It took more than four years for the UK to finally leave the EU but the rushed trade agreements have left thousands of UK businesses to fend for themselves as the government guidance remains incomplete. It would have been naive to not expect teething troubles but to see the UK to EU trade plummet by nearly 70% was shocking.

Brexit ecom

As we pass 60 days of Brexit entering the final month of the first quarter of 2021, let’s take a deeper look at the impact of Brexit on UK businesses and especially e-commerce businesses. Before authoring this article, I had numerous conversations with independent e-commerce business founders. I have based this article on those discussions to bring forward first-hand experiences.

It is the VAT that hurts the UK e-commerce businesses the most

The 1,246 pages-long post-Brexit UK-EU trade deal is a seemingly comprehensive piece aiming to take care of all aspects of the flow of trade. The most relevant sections for e-commerce businesses pertain to the custom declaration forms, EORI numbers, custom tariffs based on country of origin and most importantly, the changes in VAT – that’s the key issue for SME e-commerce businesses.

Now that the UK is no longer in the EU, it is being treated as the third country and EU rules on third countries require VAT to be paid on all goods imported. So, when UK businesses sell to their customers in the UK, the EU customers must now pay VAT which is approximately 20% depending on the nature of goods. When the cost of the product is less than £135, the VAT is levied at the point of sale ie the UK business pays (but the business would pass on this cost to the customer and include it in the order). When the product is worth over £135, VAT is paid at the point of delivery ie the EU customers pay when they receive the goods.

Plus, EU customers have to complete customs declaration for goods imported from the UK. Although this procedure is performed by the couriers, the cost is passed on to the customer amounting to approximately €20 per declaration

For example, when an EU customer buys a pair of boots from a UK e-commerce business for €100, they will be charged €20 in VAT and then €20 for the customs declaration plus some arbitrary handling fee by transporters making their total over €140.

The result?

UK e-commerce brands stop selling to the EU and lose loyal customers as it is no longer financially viable – EU customers won’t foot the bill and UK companies can’t incur losses by absorbing the extra costs.

While this article focuses on small and medium-sized e-commerce businesses, big businesses are not untouched by the issue either. When one of the UK’s most legendary brands like Fortnum and Mason halt the sales of their products to the UK – when John Lewis’ scraps overseas delivery – and when the popular sports retailer, JD Sports, expresses frustration with disruptions to EU order deliveries calling Brexit considerably worse than expected, the gravity of the situation becomes clear.

A recent survey of 57 UK luxury brands found widespread disappointment with extra costs and shipping delay even though many brands are absorbing the extra costs – something that is simply impossible for smaller brands.

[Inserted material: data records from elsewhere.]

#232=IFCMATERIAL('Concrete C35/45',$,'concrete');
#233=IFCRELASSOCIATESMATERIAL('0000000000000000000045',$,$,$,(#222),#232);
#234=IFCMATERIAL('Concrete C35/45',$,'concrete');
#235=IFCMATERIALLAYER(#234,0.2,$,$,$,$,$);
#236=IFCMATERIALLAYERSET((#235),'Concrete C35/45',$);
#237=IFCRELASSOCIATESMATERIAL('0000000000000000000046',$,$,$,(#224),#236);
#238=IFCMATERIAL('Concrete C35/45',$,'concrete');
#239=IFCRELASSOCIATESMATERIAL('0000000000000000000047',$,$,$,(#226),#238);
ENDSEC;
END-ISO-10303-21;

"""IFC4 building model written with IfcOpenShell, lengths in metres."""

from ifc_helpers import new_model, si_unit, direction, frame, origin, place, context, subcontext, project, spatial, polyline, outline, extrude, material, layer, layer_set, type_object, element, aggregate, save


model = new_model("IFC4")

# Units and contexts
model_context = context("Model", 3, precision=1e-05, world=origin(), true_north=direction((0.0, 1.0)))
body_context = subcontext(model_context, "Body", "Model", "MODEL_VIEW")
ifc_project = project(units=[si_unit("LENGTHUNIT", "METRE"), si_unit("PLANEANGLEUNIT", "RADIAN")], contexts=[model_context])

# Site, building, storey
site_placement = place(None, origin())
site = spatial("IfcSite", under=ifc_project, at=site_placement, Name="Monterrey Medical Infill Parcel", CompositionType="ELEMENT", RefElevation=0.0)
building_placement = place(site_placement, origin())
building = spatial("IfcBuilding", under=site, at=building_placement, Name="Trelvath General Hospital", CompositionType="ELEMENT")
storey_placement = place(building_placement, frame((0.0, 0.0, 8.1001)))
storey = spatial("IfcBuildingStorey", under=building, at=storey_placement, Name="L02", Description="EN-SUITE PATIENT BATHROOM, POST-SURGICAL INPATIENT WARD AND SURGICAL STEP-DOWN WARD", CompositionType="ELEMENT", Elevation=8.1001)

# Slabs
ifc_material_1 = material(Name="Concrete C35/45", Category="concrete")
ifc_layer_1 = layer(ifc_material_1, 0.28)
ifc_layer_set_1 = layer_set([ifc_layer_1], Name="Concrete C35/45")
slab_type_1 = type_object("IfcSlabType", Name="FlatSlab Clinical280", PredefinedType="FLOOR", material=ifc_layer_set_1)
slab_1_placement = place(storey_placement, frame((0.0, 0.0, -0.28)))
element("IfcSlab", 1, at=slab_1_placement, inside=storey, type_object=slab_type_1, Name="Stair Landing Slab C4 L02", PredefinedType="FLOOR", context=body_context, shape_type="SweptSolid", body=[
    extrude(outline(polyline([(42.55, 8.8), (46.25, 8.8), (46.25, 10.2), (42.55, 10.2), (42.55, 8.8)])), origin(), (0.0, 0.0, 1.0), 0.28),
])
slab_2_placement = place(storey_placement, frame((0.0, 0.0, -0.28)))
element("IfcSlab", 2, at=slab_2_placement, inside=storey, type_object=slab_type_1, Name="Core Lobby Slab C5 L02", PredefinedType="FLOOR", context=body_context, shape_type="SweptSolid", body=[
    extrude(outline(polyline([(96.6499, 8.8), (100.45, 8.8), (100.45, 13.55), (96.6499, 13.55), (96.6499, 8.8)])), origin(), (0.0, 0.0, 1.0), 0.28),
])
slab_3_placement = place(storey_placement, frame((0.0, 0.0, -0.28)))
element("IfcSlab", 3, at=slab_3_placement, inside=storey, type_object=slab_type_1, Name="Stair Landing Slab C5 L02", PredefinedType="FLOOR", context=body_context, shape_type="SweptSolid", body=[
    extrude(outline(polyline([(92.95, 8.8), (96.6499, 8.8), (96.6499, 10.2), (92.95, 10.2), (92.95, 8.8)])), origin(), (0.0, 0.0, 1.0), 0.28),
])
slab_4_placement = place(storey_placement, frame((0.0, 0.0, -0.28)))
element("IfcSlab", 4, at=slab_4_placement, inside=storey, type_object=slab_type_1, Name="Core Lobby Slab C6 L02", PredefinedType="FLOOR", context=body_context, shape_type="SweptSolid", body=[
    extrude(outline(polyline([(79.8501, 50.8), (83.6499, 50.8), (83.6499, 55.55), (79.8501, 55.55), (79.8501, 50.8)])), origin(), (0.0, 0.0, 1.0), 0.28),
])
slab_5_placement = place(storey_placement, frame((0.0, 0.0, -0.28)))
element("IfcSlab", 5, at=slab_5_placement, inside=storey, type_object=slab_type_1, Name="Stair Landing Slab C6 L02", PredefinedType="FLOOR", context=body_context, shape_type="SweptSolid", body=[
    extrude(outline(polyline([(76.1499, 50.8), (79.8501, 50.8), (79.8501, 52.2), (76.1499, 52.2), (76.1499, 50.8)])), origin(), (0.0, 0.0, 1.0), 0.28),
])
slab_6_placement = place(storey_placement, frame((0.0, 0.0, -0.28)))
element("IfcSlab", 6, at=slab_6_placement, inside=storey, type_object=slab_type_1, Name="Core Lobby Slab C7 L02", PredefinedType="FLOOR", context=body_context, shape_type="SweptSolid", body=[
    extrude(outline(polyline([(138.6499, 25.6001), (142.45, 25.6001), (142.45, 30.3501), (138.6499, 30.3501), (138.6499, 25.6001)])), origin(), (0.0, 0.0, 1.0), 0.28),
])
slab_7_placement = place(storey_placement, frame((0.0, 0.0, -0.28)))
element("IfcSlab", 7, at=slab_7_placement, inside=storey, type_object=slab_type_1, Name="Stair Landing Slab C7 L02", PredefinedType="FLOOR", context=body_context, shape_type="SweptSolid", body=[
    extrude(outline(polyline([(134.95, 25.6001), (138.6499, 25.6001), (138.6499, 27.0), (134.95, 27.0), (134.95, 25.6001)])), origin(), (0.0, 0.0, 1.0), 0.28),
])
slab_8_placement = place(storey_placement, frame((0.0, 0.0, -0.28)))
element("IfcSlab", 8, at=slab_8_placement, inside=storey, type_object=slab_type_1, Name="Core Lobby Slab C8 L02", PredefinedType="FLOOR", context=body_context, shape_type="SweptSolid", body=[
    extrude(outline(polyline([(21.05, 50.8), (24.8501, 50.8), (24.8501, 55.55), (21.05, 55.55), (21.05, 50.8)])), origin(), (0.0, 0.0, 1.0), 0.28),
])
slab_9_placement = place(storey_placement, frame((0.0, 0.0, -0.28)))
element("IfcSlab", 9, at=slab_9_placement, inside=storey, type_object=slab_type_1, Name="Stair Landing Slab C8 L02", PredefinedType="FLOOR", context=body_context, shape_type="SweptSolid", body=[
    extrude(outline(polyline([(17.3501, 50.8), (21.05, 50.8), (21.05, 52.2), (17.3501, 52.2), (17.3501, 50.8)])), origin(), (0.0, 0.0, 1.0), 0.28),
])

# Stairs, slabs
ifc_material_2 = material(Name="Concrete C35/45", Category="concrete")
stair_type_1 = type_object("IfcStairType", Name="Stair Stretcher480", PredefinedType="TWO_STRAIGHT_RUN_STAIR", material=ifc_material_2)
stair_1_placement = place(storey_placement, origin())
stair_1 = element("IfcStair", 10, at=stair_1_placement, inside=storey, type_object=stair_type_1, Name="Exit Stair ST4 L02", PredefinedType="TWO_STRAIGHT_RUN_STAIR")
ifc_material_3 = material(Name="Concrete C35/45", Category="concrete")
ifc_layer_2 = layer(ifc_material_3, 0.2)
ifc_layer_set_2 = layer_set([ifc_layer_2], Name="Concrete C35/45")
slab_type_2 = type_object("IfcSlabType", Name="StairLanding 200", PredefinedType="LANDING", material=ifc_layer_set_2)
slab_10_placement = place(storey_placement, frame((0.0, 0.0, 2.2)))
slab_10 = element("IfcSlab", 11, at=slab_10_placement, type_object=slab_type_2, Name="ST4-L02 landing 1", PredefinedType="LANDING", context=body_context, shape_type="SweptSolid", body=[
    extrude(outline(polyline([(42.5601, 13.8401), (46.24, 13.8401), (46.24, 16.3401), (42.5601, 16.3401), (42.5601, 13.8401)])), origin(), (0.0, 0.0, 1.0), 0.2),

What UK e-commerce brands think

Online store selling CBD products consider halting sales to the EU

“There's been confusion and chaos and it almost feels like we've handed leverage over to customs officers and courier services. As per the Brexit deal, UK businesses don't charge VAT to EU customers. Our software recognises European orders in the checkout process and the 20% VAT is taken off the total.

However, when the order reaches its destination, we've seen customers being charged up to 140 euros of "customs and admin fees" plus the country's VAT. This results in customers rightfully refusing these parcels, which are then returned to us. Shockingly some other orders don't get charged at all. No parcel is treated the same with some being charged duties even when not applicable.

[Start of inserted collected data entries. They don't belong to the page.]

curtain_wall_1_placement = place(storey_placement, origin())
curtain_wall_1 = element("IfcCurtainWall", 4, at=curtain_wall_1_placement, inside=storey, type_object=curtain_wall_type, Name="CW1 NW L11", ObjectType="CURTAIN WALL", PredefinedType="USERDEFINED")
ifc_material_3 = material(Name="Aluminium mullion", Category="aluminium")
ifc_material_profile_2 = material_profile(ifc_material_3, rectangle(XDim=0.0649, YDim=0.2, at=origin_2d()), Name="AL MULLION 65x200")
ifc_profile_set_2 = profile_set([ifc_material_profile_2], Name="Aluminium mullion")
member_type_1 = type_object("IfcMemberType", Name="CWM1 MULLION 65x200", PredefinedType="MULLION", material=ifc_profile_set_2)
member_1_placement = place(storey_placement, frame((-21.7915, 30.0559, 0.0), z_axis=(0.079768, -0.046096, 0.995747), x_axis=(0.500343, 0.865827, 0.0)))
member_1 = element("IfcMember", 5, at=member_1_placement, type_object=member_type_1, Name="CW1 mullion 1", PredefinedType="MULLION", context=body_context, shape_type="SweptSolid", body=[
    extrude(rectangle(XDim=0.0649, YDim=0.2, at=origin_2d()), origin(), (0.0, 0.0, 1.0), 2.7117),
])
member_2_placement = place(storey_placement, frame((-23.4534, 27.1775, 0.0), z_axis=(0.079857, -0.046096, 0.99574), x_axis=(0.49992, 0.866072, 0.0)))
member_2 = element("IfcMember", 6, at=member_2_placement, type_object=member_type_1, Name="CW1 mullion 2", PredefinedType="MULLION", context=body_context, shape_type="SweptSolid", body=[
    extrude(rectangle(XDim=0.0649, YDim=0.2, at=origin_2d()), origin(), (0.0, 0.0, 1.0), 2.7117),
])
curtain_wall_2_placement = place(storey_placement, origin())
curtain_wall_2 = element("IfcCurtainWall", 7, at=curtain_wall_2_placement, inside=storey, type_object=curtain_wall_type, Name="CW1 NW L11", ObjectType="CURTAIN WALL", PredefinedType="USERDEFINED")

“We're a customer-centred business and are taking responsibility for all delays and costs to ensure we keep up satisfaction, but the environment is just too risky for us to want to pursue further EU visibility long-term,” stated Kim, For the Ageless.

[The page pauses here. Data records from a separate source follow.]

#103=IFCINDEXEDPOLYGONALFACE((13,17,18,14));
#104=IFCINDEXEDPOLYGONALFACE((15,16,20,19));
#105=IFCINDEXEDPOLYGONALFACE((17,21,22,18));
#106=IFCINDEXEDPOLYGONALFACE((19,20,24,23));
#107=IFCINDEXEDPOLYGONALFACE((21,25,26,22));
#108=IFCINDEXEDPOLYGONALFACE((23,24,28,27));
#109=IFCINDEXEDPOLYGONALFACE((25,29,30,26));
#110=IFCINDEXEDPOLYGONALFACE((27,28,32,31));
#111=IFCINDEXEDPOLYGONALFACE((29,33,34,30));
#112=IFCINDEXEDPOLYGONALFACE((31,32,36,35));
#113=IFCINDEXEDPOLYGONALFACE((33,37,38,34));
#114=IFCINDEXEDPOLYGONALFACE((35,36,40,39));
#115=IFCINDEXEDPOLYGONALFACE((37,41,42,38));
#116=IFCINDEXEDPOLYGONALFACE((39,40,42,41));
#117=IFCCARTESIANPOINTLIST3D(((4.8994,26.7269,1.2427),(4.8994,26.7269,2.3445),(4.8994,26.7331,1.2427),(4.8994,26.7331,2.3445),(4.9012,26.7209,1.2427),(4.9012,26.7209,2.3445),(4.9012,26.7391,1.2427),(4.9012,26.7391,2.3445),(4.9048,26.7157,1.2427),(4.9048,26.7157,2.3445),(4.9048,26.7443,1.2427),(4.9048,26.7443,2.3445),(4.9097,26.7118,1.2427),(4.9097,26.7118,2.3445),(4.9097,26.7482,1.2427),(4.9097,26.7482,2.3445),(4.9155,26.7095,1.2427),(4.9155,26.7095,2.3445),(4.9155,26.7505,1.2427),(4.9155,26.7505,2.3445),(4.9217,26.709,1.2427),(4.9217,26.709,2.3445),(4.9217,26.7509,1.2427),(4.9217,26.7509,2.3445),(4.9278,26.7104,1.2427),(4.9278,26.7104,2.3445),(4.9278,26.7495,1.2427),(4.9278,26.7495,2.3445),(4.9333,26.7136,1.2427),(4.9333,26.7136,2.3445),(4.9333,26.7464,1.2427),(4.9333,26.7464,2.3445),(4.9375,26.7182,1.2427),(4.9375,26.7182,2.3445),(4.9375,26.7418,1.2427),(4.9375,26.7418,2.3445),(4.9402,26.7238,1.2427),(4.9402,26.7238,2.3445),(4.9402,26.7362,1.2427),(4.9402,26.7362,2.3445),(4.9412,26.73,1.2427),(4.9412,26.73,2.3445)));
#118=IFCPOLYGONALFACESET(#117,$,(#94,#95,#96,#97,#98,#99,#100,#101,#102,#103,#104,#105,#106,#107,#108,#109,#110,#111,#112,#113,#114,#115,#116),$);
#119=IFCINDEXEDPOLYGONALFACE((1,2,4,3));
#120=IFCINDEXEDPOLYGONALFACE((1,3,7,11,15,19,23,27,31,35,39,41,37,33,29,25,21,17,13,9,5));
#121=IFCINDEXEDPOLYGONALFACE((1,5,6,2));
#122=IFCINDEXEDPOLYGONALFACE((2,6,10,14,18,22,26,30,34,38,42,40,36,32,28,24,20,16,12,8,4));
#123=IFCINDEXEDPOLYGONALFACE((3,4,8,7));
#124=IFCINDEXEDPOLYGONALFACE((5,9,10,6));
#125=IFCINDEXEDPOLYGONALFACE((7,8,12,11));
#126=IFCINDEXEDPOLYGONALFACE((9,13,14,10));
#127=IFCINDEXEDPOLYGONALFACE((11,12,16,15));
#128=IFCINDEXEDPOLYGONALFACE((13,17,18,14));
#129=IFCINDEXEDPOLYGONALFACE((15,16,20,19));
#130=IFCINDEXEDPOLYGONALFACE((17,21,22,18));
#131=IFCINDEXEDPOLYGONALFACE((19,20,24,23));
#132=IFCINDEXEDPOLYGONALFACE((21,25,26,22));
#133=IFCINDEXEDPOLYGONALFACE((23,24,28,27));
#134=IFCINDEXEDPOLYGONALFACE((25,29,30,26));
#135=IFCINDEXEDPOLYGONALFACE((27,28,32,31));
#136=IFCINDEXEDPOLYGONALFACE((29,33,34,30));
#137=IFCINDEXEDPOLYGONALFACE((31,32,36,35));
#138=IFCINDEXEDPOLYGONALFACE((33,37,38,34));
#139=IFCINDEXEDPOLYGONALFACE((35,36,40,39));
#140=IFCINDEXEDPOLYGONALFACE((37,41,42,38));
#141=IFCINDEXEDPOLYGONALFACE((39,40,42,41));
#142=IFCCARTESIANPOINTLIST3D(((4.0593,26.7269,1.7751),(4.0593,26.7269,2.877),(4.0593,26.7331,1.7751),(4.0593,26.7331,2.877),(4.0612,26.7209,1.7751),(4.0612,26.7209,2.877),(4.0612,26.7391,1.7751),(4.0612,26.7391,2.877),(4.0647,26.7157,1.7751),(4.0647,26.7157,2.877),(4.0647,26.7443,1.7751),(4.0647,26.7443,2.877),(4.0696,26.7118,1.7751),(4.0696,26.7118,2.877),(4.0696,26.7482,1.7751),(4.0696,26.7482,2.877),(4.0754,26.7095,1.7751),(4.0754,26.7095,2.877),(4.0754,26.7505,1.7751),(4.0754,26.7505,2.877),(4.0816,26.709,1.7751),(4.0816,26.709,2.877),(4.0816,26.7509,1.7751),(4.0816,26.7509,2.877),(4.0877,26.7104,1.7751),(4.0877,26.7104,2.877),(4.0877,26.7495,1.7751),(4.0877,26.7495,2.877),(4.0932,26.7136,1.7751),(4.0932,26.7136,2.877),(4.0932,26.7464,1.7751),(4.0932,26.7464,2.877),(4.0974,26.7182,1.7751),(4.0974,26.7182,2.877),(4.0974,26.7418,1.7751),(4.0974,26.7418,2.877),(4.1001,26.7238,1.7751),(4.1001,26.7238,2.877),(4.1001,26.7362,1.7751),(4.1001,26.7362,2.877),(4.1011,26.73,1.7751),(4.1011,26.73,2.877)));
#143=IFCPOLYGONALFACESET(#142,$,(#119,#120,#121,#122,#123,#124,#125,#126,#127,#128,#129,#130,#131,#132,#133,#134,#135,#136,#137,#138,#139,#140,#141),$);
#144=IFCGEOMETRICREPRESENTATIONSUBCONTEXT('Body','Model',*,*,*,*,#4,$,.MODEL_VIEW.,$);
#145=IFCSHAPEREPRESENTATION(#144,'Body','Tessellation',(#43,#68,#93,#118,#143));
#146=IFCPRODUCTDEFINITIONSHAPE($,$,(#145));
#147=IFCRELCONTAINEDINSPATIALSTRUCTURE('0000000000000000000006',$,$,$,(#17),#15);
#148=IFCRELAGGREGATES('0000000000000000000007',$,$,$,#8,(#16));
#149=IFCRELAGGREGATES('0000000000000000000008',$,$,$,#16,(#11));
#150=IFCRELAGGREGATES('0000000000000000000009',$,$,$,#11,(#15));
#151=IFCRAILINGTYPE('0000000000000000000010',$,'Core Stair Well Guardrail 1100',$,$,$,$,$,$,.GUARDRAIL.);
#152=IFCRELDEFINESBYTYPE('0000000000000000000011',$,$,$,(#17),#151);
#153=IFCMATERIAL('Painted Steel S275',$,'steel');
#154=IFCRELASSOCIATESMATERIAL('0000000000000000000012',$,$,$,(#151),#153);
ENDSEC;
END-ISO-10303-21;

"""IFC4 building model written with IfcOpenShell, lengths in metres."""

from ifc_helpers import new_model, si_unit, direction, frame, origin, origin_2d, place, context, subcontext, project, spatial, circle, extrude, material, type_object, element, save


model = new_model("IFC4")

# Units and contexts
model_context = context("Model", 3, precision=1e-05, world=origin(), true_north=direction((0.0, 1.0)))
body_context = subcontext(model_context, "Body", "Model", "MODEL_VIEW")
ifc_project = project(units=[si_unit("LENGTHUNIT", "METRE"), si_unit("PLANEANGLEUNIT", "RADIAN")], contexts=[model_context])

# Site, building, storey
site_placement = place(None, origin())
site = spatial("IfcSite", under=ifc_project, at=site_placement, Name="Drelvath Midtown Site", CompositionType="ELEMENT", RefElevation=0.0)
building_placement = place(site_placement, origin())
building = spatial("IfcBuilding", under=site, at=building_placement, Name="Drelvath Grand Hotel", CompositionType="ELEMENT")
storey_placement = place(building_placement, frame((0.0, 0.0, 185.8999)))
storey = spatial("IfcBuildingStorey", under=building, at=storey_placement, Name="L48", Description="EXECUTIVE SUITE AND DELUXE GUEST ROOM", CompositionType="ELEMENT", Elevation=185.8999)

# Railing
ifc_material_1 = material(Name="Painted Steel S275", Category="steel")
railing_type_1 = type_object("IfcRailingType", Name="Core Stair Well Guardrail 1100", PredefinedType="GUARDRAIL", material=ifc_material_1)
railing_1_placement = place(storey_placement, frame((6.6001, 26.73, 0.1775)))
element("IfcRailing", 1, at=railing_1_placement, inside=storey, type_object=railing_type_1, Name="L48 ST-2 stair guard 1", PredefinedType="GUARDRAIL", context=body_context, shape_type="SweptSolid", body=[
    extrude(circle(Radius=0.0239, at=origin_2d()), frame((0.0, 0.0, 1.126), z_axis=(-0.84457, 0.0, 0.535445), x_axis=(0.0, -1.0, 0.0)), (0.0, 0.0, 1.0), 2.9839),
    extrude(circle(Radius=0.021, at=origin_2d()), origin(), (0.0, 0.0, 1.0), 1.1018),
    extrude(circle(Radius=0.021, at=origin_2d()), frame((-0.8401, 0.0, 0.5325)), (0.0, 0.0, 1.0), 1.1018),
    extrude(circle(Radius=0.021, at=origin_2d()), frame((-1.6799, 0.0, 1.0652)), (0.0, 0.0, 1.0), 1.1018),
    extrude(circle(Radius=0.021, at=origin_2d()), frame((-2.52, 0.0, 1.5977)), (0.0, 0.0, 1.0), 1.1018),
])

Sofa-in-a-box startup investing in a hub in Portugal

“We’re a start-up that designs sofas in the UK, makes them in Portugal and sells them exclusively in the UK market. We run a vertically integrated, just-in-time model and the port disruption has been significant, we’ve seen costs increase, shipping times increase and have tried lots of different solutions to get products into the UK. We’re investing to 10 times our capacity in Portugal to meet customer demand, and essentially our view is ‘we’ll figure it out, we’ll make it work’ – but it has certainly been challenging,” said Geoff Bull, chief marketing officer at Swyft.

Men’s ring company struggling with the paperwork headache

“We import men’s rings from various places within Europe and it’s been a nightmare since Brexit. Some designers no longer want to sell to us because of the paperwork involved and the extra problems it causes them. We aren’t large enough to place big orders at once, but if you duplicate our issues across lots of small businesses across the UK it becomes a growth problem. Also, some deliveries have been held up because of paperwork issues. It's costing time and money which on top of the pandemic it’s a headache we didn't need,” stated Clare MacLachlan, Newman Bands.

UK skincare startup pivoting to the US market

“For a skincare retail start up in the UK, the immediate consequence is that beauty brands and suppliers based in the EU are harder to get or in some areas, they just don't sell into the UK any more due to duties. The long-term consequence is that it may impact our decision as a business to ship to and expand to EU countries as the cost is now higher to service a small market (vs US which is a bigger single market),” said Alisha Wong, skoosh skin.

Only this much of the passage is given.